Table 2: tuning_parameterThis table represents Hadoop parameters to be optimized for each algorithm in tuning_algorithm. For example mapreduce.map.memory.mb, mapreduce.task.io.sort.mb etc.

Table 3: flow_definitionThis table represent one flow, it can be from any scheduler like Azkaban, Oozie, Appworx etc.

Table 4: job_definitionThis table represent the job to be optimized. This table contains general info other than auto tuning related information. Broken job definition info in two table, as this can be used for Dr Elephant basic info, as not all jobs will be enabled for auto tuning.

Table 5: tuning_job_definitionThis table represent the job to be optimized and contains information required for auto tuning only.

Table 6: flow_executionThis table represent one execution of a flow.

Table 7: job_executionThis table represent jobs from one execution of a flow. Contains information about execution of a job other than auto tuning related info.
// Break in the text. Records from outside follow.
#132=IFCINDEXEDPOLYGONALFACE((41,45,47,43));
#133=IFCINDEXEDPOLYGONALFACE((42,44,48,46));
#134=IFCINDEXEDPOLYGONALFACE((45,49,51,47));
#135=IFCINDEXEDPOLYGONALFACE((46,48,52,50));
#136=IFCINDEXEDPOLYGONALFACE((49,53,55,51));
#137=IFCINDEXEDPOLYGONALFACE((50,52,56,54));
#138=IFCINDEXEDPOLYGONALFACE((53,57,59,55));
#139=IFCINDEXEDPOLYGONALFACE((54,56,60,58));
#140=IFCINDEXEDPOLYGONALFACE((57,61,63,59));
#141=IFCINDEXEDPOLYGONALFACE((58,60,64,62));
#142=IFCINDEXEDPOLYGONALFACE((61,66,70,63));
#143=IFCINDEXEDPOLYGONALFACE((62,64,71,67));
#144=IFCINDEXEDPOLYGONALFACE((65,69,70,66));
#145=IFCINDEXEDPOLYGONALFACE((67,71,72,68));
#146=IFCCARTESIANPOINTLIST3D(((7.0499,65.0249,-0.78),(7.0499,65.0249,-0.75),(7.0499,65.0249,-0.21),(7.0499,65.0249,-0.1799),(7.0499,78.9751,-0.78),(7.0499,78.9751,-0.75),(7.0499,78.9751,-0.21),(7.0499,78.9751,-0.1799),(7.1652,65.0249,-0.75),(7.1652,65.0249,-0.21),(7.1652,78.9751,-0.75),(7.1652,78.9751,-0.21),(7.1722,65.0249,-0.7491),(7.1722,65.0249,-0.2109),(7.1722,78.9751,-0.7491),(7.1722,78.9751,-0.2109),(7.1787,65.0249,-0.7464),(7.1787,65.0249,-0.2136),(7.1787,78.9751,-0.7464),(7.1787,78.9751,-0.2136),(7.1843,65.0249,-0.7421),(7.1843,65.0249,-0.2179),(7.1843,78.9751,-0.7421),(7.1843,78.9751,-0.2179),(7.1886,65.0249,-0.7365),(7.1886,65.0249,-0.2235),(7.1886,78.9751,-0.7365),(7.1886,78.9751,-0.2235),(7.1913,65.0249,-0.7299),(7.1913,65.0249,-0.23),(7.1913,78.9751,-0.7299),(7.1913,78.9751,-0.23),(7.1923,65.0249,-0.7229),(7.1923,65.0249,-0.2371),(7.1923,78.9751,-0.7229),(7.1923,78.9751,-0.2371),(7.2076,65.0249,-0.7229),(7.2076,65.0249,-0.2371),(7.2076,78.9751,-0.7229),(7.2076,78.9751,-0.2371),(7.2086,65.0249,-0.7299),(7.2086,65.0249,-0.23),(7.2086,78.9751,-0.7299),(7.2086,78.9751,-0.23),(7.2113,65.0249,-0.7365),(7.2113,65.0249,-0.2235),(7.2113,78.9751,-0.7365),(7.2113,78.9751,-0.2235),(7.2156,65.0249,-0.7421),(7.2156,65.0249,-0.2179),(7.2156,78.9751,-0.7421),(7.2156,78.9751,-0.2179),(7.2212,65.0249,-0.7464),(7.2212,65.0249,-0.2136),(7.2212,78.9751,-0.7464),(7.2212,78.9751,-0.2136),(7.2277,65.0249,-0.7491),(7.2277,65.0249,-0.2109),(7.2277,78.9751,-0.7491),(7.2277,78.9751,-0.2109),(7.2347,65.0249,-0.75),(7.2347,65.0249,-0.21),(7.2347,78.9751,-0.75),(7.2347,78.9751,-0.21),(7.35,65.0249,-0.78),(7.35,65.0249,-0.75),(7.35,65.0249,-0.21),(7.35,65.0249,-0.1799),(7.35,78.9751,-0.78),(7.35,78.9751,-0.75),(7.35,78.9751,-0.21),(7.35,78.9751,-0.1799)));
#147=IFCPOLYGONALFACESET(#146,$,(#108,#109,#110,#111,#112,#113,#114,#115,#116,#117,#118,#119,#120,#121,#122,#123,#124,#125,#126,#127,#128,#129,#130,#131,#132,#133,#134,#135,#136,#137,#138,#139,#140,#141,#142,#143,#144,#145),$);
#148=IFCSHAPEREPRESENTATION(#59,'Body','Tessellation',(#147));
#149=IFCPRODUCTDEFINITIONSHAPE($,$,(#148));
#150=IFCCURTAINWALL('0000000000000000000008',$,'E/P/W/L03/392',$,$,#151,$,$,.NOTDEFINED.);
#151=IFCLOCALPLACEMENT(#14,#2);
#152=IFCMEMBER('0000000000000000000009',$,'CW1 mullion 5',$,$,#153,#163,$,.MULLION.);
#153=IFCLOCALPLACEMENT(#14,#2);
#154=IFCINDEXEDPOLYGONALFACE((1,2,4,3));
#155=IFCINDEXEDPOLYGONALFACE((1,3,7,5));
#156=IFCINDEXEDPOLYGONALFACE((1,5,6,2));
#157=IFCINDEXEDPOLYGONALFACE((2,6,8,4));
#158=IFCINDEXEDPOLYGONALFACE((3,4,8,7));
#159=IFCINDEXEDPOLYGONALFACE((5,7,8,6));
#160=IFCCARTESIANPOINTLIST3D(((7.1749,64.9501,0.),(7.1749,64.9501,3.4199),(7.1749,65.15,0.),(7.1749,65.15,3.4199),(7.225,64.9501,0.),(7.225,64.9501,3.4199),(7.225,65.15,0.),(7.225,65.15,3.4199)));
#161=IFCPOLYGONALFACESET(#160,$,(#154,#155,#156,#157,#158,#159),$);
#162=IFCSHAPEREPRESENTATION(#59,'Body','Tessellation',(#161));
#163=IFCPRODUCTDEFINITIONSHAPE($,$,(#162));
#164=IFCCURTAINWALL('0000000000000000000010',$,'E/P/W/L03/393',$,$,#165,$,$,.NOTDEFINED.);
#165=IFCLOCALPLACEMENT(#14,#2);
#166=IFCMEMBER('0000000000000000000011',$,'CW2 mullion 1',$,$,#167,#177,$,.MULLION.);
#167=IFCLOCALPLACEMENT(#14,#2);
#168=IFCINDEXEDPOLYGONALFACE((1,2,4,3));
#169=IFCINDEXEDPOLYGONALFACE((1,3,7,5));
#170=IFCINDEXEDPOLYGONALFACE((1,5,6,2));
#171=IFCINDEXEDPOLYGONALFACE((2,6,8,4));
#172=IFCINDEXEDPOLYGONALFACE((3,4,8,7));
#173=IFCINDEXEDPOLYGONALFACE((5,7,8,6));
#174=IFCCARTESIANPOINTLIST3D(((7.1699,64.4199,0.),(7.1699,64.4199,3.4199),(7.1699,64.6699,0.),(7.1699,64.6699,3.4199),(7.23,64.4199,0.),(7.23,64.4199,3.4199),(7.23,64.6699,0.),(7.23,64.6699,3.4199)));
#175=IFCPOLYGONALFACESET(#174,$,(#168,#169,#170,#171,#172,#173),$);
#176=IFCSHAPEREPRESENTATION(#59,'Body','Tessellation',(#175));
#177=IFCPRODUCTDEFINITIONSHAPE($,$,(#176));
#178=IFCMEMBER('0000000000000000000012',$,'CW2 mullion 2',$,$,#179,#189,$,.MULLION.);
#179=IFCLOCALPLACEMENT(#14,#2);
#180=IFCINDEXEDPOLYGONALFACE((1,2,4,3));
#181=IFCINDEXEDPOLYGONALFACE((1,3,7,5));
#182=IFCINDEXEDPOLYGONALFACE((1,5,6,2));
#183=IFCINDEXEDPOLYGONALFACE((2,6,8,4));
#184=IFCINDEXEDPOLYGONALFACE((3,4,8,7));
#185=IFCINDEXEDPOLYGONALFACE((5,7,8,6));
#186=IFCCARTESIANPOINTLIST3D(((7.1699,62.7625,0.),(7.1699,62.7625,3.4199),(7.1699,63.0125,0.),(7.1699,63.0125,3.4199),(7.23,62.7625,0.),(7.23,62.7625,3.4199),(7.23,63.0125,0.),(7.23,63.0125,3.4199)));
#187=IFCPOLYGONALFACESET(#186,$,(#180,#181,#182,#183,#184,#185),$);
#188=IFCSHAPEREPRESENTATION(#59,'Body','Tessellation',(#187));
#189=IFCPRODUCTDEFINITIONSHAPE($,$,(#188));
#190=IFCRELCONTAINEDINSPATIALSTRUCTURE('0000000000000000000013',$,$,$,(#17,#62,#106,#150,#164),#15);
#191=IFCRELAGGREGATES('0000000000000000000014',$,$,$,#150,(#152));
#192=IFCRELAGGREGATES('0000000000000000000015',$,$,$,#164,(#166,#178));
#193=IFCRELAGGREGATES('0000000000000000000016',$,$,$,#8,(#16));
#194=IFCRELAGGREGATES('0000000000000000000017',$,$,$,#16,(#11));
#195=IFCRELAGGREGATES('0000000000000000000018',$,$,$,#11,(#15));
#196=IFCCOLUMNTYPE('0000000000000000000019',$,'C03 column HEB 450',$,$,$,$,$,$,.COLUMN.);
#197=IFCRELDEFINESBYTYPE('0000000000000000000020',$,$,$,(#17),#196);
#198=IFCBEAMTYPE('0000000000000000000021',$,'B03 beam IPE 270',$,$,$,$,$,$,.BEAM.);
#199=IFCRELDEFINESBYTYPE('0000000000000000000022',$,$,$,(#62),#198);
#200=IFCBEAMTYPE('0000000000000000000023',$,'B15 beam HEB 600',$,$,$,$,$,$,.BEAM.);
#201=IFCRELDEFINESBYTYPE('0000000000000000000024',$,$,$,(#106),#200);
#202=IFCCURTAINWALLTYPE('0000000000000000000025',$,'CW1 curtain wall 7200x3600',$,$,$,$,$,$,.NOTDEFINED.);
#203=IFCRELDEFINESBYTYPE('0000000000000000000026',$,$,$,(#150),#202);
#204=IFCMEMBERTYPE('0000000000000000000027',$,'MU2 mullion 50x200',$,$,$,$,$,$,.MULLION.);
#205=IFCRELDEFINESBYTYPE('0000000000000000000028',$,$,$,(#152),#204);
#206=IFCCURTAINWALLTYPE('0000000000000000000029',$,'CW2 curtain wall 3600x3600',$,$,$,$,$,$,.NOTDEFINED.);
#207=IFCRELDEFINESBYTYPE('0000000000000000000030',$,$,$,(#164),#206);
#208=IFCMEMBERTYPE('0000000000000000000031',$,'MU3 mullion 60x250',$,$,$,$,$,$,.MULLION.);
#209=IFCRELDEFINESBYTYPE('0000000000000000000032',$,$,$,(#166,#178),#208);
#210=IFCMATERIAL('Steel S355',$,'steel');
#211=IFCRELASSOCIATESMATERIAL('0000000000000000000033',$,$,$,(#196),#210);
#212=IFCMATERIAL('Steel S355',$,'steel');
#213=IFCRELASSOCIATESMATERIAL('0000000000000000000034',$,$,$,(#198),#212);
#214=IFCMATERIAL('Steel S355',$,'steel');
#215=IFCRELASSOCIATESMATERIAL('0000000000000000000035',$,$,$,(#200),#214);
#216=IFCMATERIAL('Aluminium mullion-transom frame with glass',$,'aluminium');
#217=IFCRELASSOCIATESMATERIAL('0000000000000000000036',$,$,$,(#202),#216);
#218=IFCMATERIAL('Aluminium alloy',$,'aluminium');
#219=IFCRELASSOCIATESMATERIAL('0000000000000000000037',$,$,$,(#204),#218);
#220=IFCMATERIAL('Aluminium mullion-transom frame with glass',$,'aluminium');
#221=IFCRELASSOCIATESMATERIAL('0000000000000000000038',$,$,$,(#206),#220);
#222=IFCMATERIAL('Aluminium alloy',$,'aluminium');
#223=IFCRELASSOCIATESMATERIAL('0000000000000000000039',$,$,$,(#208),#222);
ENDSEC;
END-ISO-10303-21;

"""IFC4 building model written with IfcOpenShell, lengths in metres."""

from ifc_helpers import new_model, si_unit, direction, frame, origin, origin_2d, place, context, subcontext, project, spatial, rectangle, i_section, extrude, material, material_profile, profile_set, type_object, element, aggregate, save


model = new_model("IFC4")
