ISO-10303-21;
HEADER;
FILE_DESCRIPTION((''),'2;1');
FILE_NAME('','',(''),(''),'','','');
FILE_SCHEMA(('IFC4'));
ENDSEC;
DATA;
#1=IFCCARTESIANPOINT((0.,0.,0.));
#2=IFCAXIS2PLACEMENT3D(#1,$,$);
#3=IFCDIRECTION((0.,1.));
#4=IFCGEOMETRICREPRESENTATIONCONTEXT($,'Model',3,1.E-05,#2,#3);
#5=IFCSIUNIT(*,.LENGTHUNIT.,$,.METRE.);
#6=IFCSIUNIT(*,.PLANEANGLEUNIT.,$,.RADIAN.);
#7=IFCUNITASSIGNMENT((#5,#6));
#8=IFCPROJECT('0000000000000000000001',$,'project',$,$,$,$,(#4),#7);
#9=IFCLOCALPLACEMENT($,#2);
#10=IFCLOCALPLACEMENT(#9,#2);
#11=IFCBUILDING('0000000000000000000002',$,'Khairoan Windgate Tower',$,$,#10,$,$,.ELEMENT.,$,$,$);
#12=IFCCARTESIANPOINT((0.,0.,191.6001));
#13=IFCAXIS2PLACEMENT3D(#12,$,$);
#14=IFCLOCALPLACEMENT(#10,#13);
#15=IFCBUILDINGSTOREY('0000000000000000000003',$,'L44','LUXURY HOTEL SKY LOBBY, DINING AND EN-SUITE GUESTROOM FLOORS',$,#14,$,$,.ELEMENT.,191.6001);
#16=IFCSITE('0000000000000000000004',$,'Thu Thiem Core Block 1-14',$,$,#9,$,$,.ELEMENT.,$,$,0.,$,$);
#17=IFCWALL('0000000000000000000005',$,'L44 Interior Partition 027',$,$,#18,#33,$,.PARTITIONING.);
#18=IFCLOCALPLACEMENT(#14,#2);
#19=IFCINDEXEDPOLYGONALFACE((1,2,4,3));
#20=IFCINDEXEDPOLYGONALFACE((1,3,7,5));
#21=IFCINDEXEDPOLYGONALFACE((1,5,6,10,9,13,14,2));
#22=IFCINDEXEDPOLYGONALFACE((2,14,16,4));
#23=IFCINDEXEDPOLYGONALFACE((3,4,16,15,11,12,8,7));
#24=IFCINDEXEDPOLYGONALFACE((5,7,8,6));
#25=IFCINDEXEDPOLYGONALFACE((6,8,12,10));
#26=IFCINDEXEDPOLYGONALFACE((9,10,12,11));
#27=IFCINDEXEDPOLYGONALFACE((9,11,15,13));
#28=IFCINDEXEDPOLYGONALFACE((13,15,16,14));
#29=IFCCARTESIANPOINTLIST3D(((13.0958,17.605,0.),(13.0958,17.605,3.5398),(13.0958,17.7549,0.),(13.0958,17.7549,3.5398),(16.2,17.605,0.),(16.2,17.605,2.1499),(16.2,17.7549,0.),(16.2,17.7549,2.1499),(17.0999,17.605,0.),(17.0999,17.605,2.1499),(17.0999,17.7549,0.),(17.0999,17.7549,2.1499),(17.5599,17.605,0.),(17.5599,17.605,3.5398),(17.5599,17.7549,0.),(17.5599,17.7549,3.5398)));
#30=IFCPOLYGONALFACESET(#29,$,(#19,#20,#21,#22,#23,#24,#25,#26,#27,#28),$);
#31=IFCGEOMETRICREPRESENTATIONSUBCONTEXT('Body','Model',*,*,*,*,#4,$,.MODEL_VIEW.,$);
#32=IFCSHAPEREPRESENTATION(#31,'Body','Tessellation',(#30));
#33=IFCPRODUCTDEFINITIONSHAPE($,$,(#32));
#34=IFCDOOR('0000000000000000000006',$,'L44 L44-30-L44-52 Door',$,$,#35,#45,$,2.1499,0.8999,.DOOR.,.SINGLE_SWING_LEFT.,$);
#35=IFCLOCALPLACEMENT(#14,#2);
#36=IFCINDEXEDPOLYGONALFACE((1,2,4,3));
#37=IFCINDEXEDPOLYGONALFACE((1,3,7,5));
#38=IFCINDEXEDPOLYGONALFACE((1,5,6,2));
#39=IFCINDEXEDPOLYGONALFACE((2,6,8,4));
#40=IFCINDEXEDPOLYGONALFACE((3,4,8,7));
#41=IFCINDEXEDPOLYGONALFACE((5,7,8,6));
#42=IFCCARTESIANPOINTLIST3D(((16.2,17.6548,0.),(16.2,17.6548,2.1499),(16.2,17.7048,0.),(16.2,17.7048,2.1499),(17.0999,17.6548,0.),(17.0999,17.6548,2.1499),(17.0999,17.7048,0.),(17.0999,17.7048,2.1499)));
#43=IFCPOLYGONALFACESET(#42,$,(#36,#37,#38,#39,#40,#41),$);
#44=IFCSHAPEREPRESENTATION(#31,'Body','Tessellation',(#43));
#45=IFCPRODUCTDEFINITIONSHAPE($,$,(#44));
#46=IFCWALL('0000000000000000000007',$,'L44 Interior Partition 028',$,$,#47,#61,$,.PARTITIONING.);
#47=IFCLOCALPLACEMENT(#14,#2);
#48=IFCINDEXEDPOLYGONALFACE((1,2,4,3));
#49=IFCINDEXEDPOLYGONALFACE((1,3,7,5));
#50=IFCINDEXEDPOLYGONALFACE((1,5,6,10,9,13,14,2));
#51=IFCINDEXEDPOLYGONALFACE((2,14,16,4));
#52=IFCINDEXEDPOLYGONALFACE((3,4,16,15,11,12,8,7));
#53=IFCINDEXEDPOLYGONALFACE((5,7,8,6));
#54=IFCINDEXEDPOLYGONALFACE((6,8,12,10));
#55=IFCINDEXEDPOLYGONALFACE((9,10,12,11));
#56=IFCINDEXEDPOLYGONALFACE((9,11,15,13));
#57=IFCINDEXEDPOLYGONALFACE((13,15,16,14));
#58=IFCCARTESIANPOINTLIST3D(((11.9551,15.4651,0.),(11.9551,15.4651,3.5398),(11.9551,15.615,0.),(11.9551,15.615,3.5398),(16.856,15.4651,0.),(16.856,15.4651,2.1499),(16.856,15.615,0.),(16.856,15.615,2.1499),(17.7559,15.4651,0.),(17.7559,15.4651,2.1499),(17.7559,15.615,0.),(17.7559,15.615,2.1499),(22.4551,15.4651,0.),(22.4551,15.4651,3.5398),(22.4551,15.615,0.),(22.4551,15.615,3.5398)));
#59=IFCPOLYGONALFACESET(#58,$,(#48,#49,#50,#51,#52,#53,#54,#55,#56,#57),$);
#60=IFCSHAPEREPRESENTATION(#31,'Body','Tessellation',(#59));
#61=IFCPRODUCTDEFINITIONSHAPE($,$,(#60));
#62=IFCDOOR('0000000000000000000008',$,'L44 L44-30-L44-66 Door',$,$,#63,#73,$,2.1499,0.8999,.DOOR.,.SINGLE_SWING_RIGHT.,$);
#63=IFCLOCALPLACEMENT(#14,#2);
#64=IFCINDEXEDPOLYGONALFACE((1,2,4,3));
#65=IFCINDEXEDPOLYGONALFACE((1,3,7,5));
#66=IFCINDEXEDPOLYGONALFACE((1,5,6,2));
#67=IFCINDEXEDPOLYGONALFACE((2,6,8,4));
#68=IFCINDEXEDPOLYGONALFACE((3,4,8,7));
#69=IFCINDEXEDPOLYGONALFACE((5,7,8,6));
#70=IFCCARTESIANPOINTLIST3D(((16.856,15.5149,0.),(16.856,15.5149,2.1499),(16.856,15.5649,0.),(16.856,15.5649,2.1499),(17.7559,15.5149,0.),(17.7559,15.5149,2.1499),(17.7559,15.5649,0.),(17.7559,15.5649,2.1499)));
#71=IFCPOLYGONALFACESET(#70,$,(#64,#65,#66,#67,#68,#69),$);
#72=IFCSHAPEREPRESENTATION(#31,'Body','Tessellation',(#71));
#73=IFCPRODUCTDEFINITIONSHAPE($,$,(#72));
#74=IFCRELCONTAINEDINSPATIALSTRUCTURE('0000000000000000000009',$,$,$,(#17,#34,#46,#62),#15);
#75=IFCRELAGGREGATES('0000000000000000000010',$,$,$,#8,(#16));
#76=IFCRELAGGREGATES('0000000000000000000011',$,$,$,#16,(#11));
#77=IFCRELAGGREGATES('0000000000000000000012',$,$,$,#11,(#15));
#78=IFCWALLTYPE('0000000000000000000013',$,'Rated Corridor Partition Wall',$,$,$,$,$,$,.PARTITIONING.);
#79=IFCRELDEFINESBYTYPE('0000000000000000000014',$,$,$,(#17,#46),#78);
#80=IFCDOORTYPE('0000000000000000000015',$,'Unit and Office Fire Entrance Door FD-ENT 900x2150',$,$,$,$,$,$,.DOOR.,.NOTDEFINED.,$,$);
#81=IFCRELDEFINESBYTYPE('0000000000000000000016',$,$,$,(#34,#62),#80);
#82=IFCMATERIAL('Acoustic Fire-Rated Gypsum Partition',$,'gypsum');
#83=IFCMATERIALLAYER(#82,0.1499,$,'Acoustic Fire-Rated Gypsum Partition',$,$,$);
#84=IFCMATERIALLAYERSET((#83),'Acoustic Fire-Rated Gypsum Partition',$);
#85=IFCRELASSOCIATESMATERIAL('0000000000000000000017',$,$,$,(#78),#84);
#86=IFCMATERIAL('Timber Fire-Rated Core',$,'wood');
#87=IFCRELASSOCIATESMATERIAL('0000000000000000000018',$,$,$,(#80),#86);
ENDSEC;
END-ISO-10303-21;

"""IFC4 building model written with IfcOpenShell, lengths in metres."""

from ifc_helpers import new_model, si_unit, direction, frame, frame_2d, origin, place, context, subcontext, project, spatial, rectangle, extrude, material, layer, layer_set, type_object, element, fill, save


model = new_model("IFC4")

# Units and contexts
model_context = context("Model", 3, precision=1e-05, world=origin(), true_north=direction((0.0, 1.0)))
body_context = subcontext(model_context, "Body", "Model", "MODEL_VIEW")
ifc_project = project(units=[si_unit("LENGTHUNIT", "METRE"), si_unit("PLANEANGLEUNIT", "RADIAN")], contexts=[model_context])

# Site, building, storey
site_placement = place(None, origin())
site = spatial("IfcSite", under=ifc_project, at=site_placement, Name="Thu Thiem Core Block 1-14", CompositionType="ELEMENT", RefElevation=0.0)
building_placement = place(site_placement, origin())
building = spatial("IfcBuilding", under=site, at=building_placement, Name="Khairoan Windgate Tower", CompositionType="ELEMENT")
storey_placement = place(building_placement, frame((0.0, 0.0, 191.6001)))
storey = spatial("IfcBuildingStorey", under=building, at=storey_placement, Name="L44", Description="LUXURY HOTEL SKY LOBBY, DINING AND EN-SUITE GUESTROOM FLOORS", CompositionType="ELEMENT", Elevation=191.6001)

# Walls, openings, doors
ifc_material_1 = material(Name="Acoustic Fire-Rated Gypsum Partition", Category="gypsum")
ifc_layer_1 = layer(ifc_material_1, 0.1499, Name="Acoustic Fire-Rated Gypsum Partition")
ifc_layer_set_1 = layer_set([ifc_layer_1], Name="Acoustic Fire-Rated Gypsum Partition")
wall_type_1 = type_object("IfcWallType", Name="Rated Corridor Partition Wall", PredefinedType="PARTITIONING", material=ifc_layer_set_1)
wall_1_placement = place(storey_placement, frame((13.0959, 17.6799, 0.0), z_axis=(0.0, 0.0, 1.0), x_axis=(1.0, 0.0, 0.0)))
wall_1 = element("IfcWall", 1, at=wall_1_placement, inside=storey, type_object=wall_type_1, Name="L44 Interior Partition 027", PredefinedType="PARTITIONING", context=body_context, shape_type="SweptSolid", body=[
    extrude(rectangle(XDim=4.4641, YDim=0.1499, at=frame_2d((2.2319, 0.0))), origin(), (0.0, 0.0, 1.0), 3.5398),
])
opening_1_placement = place(wall_1_placement, frame((3.104, 0.0, 0.0)))
opening_1 = element("IfcOpeningElement", 2, at=opening_1_placement, cuts=wall_1, PredefinedType="OPENING", context=body_context, shape_type="SweptSolid", body=[
    extrude(rectangle(XDim=0.8999, YDim=2.1499, at=frame_2d((0.45, 1.075))), frame((0.0, 0.085, 0.0), z_axis=(0.0, -1.0, 0.0), x_axis=(1.0, 0.0, 0.0)), (0.0, 0.0, 1.0), 0.1699),
])
ifc_material_2 = material(Name="Timber Fire-Rated Core", Category="wood")
door_type_1 = type_object("IfcDoorType", Name="Unit and Office Fire Entrance Door FD-ENT 900x2150", OperationType="NOTDEFINED", PredefinedType="DOOR", material=ifc_material_2)
door_1_placement = place(opening_1_placement, origin())
door_1 = element("IfcDoor", 3, at=door_1_placement, inside=storey, type_object=door_type_1, Name="L44 L44-30-L44-52 Door", OperationType="SINGLE_SWING_LEFT", OverallHeight=2.1499, OverallWidth=0.8999, PredefinedType="DOOR", context=body_context, shape_type="SweptSolid", body=[
    extrude(rectangle(XDim=0.8999, YDim=2.1499, at=frame_2d((0.45, 1.075))), frame((0.0, 0.0249, 0.0), z_axis=(0.0, -1.0, 0.0), x_axis=(1.0, 0.0, 0.0)), (0.0, 0.0, 1.0), 0.05),
])
fill(opening_1, door_1)
wall_2_placement = place(storey_placement, frame((11.9551, 15.54, 0.0), z_axis=(0.0, 0.0, 1.0), x_axis=(1.0, 0.0, 0.0)))
wall_2 = element("IfcWall", 4, at=wall_2_placement, inside=storey, type_object=wall_type_1, Name="L44 Interior Partition 028", PredefinedType="PARTITIONING", context=body_context, shape_type="SweptSolid", body=[
    extrude(rectangle(XDim=10.5, YDim=0.1499, at=frame_2d((5.25, 0.0))), origin(), (0.0, 0.0, 1.0), 3.5398),
])
opening_2_placement = place(wall_2_placement, frame((4.9009, 0.0, 0.0)))
opening_2 = element("IfcOpeningElement", 5, at=opening_2_placement, cuts=wall_2, PredefinedType="OPENING", context=body_context, shape_type="SweptSolid", body=[
    extrude(rectangle(XDim=0.8999, YDim=2.1499, at=frame_2d((0.45, 1.075))), frame((0.0, 0.085, 0.0), z_axis=(0.0, -1.0, 0.0), x_axis=(1.0, 0.0, 0.0)), (0.0, 0.0, 1.0), 0.1699),
])
door_2_placement = place(opening_2_placement, origin())
door_2 = element("IfcDoor", 6, at=door_2_placement, inside=storey, type_object=door_type_1, Name="L44 L44-30-L44-66 Door", OperationType="SINGLE_SWING_RIGHT", OverallHeight=2.1499, OverallWidth=0.8999, PredefinedType="DOOR", context=body_context, shape_type="SweptSolid", body=[
    extrude(rectangle(XDim=0.8999, YDim=2.1499, at=frame_2d((0.45, 1.075))), frame((0.0, 0.0249, 0.0), z_axis=(0.0, -1.0, 0.0), x_axis=(1.0, 0.0, 0.0)), (0.0, 0.0, 1.0), 0.05),
])
fill(opening_2, door_2)

save(model, "model.ifc")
Broken execution related info in two table, as this can be used for Dr Elephant basic info, as not all jobs will be enabled for auto tuning.

Dr elephant auto tuning kit

Dr Elephant Auto Tuning Kit

Table 8: tuning_job_executionThis table represent jobs from one execution of a flow and contains auto tuning related information. This one execution is corresponding to one set of parameters.

Dr Elephant Auto Tuning Parts

Table 9: job_saved_stateInternal table for optimization algorithm. Stores the current state of job to be optimized.

Elephant Auto Group Katy Tx

Table 10: job_suggested_param_valueSuggested parameter value corresponding to one execution of the job.